If $M_1 \cup M_2 $ is a hyperplane in $\mathbb{R}^n$ then $M_1 = M_2$.

Question

Let $M_1$ and $M_2$ be affine subspaces of $\mathbb{R}^n$ such that they are not proper subsets of each other. If $M_1 \cup M_2 $ is a hyperplane in $\mathbb{R}^n$ then $M_1 = M_2$. What I did is as follows: $dim(M_1 \cup M_2) = n-1$, so $max\{dim(M_1),dim(M_2)\} = n-1$, wlog we can assume $dim(M_1) = n-1$. But I do not know how to continue. Any help is appreciated in advance.

Answer 1

You can try using the following Lemma:

Lemma 1: If $M_1$ and $M_2$ are affine subset of some real vector space $E$ such that $M_1\cup M_2$ is an affine subset of $E$, then $M_1\subseteq M_2$ or $M_2\subseteq M_1$.

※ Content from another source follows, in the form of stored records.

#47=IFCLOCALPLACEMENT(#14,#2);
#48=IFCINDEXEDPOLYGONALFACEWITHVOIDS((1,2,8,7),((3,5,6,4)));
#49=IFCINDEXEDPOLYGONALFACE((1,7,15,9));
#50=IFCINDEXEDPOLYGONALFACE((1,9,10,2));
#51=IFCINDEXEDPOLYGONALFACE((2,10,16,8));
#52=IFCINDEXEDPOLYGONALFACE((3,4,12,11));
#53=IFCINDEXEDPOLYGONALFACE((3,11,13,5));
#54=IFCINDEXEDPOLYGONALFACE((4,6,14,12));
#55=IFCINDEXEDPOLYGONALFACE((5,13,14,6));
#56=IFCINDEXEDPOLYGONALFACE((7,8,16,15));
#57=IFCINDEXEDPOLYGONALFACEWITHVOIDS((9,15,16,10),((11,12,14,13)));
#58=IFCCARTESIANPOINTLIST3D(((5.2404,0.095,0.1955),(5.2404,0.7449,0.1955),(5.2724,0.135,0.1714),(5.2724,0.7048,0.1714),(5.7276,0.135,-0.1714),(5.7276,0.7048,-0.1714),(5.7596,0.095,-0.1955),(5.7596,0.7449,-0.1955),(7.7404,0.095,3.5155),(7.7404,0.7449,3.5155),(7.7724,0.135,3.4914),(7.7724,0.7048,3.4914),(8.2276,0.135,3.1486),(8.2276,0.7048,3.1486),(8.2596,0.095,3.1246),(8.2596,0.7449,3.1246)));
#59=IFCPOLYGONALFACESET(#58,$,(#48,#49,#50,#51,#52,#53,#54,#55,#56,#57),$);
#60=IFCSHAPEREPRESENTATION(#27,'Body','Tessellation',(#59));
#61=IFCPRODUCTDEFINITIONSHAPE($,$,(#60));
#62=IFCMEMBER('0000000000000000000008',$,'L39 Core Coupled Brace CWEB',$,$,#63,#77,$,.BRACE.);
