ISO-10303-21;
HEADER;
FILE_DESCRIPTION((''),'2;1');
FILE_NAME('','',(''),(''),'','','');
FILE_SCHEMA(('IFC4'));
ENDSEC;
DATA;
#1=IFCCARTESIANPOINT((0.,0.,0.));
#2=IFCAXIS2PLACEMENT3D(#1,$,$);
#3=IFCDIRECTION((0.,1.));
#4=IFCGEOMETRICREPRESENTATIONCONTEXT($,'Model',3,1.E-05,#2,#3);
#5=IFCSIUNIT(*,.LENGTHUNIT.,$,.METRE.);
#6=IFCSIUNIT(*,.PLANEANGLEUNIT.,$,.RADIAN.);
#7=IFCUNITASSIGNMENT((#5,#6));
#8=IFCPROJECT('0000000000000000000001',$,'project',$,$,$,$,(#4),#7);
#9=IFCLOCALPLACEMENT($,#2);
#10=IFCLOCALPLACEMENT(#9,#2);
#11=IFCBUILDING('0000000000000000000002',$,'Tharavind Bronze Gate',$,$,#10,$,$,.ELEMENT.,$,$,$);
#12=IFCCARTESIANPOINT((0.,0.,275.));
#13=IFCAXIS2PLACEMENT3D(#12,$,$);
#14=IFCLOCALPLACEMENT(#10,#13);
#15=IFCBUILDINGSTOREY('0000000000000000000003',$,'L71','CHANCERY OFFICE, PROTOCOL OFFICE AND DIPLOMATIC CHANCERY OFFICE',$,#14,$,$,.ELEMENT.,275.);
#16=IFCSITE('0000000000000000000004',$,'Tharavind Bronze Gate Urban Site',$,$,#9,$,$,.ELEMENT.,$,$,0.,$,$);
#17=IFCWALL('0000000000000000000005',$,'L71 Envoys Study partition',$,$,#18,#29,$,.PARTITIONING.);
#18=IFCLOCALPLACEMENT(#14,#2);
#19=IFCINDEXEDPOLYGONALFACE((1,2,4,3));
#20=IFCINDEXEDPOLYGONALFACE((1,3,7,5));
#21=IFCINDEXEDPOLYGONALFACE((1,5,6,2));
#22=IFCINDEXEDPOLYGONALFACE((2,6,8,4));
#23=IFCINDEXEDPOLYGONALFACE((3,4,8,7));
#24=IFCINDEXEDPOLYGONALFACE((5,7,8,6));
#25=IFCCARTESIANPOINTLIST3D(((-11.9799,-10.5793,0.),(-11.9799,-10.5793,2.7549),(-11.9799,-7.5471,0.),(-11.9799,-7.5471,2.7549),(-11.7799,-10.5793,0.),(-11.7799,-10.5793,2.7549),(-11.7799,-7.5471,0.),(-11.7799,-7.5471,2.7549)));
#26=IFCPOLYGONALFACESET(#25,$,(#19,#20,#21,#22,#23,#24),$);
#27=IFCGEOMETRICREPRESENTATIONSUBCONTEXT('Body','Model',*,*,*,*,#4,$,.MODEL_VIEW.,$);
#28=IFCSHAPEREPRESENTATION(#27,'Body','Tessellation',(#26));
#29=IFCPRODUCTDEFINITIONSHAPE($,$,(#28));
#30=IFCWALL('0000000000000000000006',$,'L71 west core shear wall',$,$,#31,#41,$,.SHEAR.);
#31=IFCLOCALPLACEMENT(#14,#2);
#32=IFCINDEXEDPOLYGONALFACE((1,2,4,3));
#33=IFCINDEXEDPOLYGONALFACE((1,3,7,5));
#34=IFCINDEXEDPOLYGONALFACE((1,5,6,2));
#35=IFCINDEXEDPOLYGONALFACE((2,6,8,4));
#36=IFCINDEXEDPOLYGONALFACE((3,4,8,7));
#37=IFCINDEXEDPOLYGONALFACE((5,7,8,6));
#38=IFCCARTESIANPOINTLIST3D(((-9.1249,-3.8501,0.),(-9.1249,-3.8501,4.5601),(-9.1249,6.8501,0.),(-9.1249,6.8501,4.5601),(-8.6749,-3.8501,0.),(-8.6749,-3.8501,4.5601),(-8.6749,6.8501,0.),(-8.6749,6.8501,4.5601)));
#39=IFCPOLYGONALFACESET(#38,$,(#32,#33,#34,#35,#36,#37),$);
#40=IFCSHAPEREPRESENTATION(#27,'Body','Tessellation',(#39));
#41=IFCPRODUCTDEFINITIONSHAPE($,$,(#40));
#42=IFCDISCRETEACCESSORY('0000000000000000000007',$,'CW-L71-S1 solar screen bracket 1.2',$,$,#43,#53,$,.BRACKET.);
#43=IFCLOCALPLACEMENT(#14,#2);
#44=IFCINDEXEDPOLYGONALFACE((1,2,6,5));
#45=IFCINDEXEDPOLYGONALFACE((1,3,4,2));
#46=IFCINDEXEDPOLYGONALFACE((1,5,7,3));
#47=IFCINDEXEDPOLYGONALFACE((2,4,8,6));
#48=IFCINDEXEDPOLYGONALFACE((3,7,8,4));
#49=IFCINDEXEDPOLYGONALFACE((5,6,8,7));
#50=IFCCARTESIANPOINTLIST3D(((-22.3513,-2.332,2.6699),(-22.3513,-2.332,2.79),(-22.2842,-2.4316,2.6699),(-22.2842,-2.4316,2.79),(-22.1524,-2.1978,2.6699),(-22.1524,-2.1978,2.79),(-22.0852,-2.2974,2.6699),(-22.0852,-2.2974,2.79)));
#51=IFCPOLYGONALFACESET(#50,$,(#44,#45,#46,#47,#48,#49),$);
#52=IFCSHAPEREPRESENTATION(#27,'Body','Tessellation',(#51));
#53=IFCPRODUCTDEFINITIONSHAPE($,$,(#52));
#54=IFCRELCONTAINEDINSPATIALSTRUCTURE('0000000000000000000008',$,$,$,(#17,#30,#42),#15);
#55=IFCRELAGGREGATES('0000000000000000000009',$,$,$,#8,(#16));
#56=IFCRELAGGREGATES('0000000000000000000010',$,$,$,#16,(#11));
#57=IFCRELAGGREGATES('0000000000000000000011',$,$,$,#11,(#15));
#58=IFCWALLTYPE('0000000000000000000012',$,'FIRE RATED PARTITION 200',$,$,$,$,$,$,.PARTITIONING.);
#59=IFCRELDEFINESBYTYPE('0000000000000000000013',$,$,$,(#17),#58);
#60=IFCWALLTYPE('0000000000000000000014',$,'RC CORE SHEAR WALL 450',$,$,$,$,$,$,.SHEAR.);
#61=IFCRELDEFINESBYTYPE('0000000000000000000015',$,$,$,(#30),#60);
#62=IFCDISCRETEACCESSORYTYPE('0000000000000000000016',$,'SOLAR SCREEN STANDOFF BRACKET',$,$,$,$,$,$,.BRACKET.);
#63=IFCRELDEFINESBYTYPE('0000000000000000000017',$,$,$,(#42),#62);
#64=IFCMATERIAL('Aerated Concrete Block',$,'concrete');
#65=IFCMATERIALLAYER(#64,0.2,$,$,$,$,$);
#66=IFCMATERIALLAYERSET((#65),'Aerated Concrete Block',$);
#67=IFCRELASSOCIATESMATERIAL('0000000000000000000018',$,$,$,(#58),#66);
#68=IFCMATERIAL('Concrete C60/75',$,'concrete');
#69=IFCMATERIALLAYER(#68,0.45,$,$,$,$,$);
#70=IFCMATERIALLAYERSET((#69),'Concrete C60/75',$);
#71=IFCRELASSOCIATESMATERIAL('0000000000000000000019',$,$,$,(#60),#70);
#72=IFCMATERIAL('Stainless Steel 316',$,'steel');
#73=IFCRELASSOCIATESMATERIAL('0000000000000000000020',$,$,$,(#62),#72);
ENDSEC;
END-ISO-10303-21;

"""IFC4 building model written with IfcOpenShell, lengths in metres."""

from ifc_helpers import new_model, si_unit, direction, frame, frame_2d, origin, origin_2d, place, context, subcontext, project, spatial, rectangle, extrude, material, layer, layer_set, type_object, element, save


model = new_model("IFC4")

# Units and contexts
model_context = context("Model", 3, precision=1e-05, world=origin(), true_north=direction((0.0, 1.0)))
body_context = subcontext(model_context, "Body", "Model", "MODEL_VIEW")
ifc_project = project(units=[si_unit("LENGTHUNIT", "METRE"), si_unit("PLANEANGLEUNIT", "RADIAN")], contexts=[model_context])

# Site, building, storey
site_placement = place(None, origin())
site = spatial("IfcSite", under=ifc_project, at=site_placement, Name="Tharavind Bronze Gate Urban Site", CompositionType="ELEMENT", RefElevation=0.0)
building_placement = place(site_placement, origin())
building = spatial("IfcBuilding", under=site, at=building_placement, Name="Tharavind Bronze Gate", CompositionType="ELEMENT")
storey_placement = place(building_placement, frame((0.0, 0.0, 275.0)))
storey = spatial("IfcBuildingStorey", under=building, at=storey_placement, Name="L71", Description="CHANCERY OFFICE, PROTOCOL OFFICE AND DIPLOMATIC CHANCERY OFFICE", CompositionType="ELEMENT", Elevation=275.0)

# Shared definitions
ifc_material_1 = material(Name="Aerated Concrete Block", Category="concrete")
ifc_layer_1 = layer(ifc_material_1, 0.2)
ifc_layer_set_1 = layer_set([ifc_layer_1], Name="Aerated Concrete Block")
wall_type_1 = type_object("IfcWallType", Name="FIRE RATED PARTITION 200", PredefinedType="PARTITIONING", material=ifc_layer_set_1)

# Wall
wall_1_placement = place(storey_placement, frame((-11.8799, -7.5471, 0.0), z_axis=(0.0, 0.0, 1.0), x_axis=(0.0, -1.0, 0.0)))
element("IfcWall", 1, at=wall_1_placement, inside=storey, type_object=wall_type_1, Name="L71 Envoys Study partition", PredefinedType="PARTITIONING", context=body_context, shape_type="SweptSolid", body=[
    extrude(rectangle(XDim=3.0322, YDim=0.2, at=frame_2d((1.5161, 0.0))), origin(), (0.0, 0.0, 1.0), 2.7549),
])

# Wall
ifc_material_2 = material(Name="Concrete C60/75", Category="concrete")
ifc_layer_2 = layer(ifc_material_2, 0.45)
ifc_layer_set_2 = layer_set([ifc_layer_2], Name="Concrete C60/75")
wall_type_2 = type_object("IfcWallType", Name="RC CORE SHEAR WALL 450", PredefinedType="SHEAR", material=ifc_layer_set_2)
wall_2_placement = place(storey_placement, frame((-8.8999, -3.8501, 0.0), z_axis=(0.0, 0.0, 1.0), x_axis=(0.0, 1.0, 0.0)))
element("IfcWall", 2, at=wall_2_placement, inside=storey, type_object=wall_type_2, Name="L71 west core shear wall", PredefinedType="SHEAR", context=body_context, shape_type="SweptSolid", body=[
    extrude(rectangle(XDim=10.7002, YDim=0.45, at=frame_2d((5.3501, 0.0))), origin(), (0.0, 0.0, 1.0), 4.5601),
])

# Discrete accessory
ifc_material_3 = material(Name="Stainless Steel 316", Category="steel")
discrete_accessory_type = type_object("IfcDiscreteAccessoryType", Name="SOLAR SCREEN STANDOFF BRACKET", PredefinedType="BRACKET", material=ifc_material_3)
discrete_accessory_placement = place(storey_placement, frame((-22.2183, -2.3147, 2.6699), z_axis=(0.0, 0.0, 1.0), x_axis=(0.559191, -0.829039, 0.0)))
element("IfcDiscreteAccessory", 3, at=discrete_accessory_placement, inside=storey, type_object=discrete_accessory_type, Name="CW-L71-S1 solar screen bracket 1.2", PredefinedType="BRACKET", context=body_context, shape_type="SweptSolid", body=[
    extrude(rectangle(XDim=0.1201, YDim=0.24, at=origin_2d()), origin(), (0.0, 0.0, 1.0), 0.1201),
])

save(model, "model.ifc")
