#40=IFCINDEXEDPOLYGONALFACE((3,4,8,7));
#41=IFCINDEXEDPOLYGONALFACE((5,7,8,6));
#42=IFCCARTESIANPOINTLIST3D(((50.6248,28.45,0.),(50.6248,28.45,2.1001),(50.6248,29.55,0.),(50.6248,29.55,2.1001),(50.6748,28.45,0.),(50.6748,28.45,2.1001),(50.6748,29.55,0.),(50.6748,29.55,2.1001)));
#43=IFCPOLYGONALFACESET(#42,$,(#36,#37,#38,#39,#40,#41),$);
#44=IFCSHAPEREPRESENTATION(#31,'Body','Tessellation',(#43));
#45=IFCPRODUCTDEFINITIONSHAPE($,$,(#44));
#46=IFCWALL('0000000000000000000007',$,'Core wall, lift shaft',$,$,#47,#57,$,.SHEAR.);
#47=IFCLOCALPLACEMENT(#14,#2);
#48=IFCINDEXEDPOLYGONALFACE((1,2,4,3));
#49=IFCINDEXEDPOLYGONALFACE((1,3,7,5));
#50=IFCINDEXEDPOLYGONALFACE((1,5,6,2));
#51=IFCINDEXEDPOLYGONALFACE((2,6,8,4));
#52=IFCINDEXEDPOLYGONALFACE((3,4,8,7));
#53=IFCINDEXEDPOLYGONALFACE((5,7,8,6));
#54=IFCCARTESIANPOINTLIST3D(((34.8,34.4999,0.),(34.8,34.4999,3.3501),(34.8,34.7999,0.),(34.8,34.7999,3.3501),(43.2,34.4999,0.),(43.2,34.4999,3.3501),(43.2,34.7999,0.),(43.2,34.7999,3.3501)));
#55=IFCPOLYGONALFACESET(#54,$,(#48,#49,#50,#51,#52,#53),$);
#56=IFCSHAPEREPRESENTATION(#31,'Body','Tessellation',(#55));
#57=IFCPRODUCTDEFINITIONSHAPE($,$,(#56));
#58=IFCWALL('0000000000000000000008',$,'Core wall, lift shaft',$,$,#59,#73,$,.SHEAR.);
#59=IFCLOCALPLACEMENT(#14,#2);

In order to prove this, suppose that $M_1\subseteq M_2$ is false, i.e. there is $x\in M_1\setminus M_2$. Let $y\in M_2$, then for any $\lambda\in\mathbb R$, $\lambda x+(1-\lambda) y\in M_1\cup M_2$ by affinity of $M_1\cup M_2$. But the line $\{ \lambda x+(1-\lambda) y : \lambda\in\mathbb R \}$ can intersect $M_2$ only at $y$, otherwise we would have $x\in M_2$. This means that for instance $z=\frac{x+y}{2}\in M_1$. Note that $\{ \lambda x+(1-\lambda) z : \lambda\in\mathbb R \}$ is the same line as before and it is contained in $M_1$, therefore $y\in M_1$, i.e. $M_1\subseteq M_2$.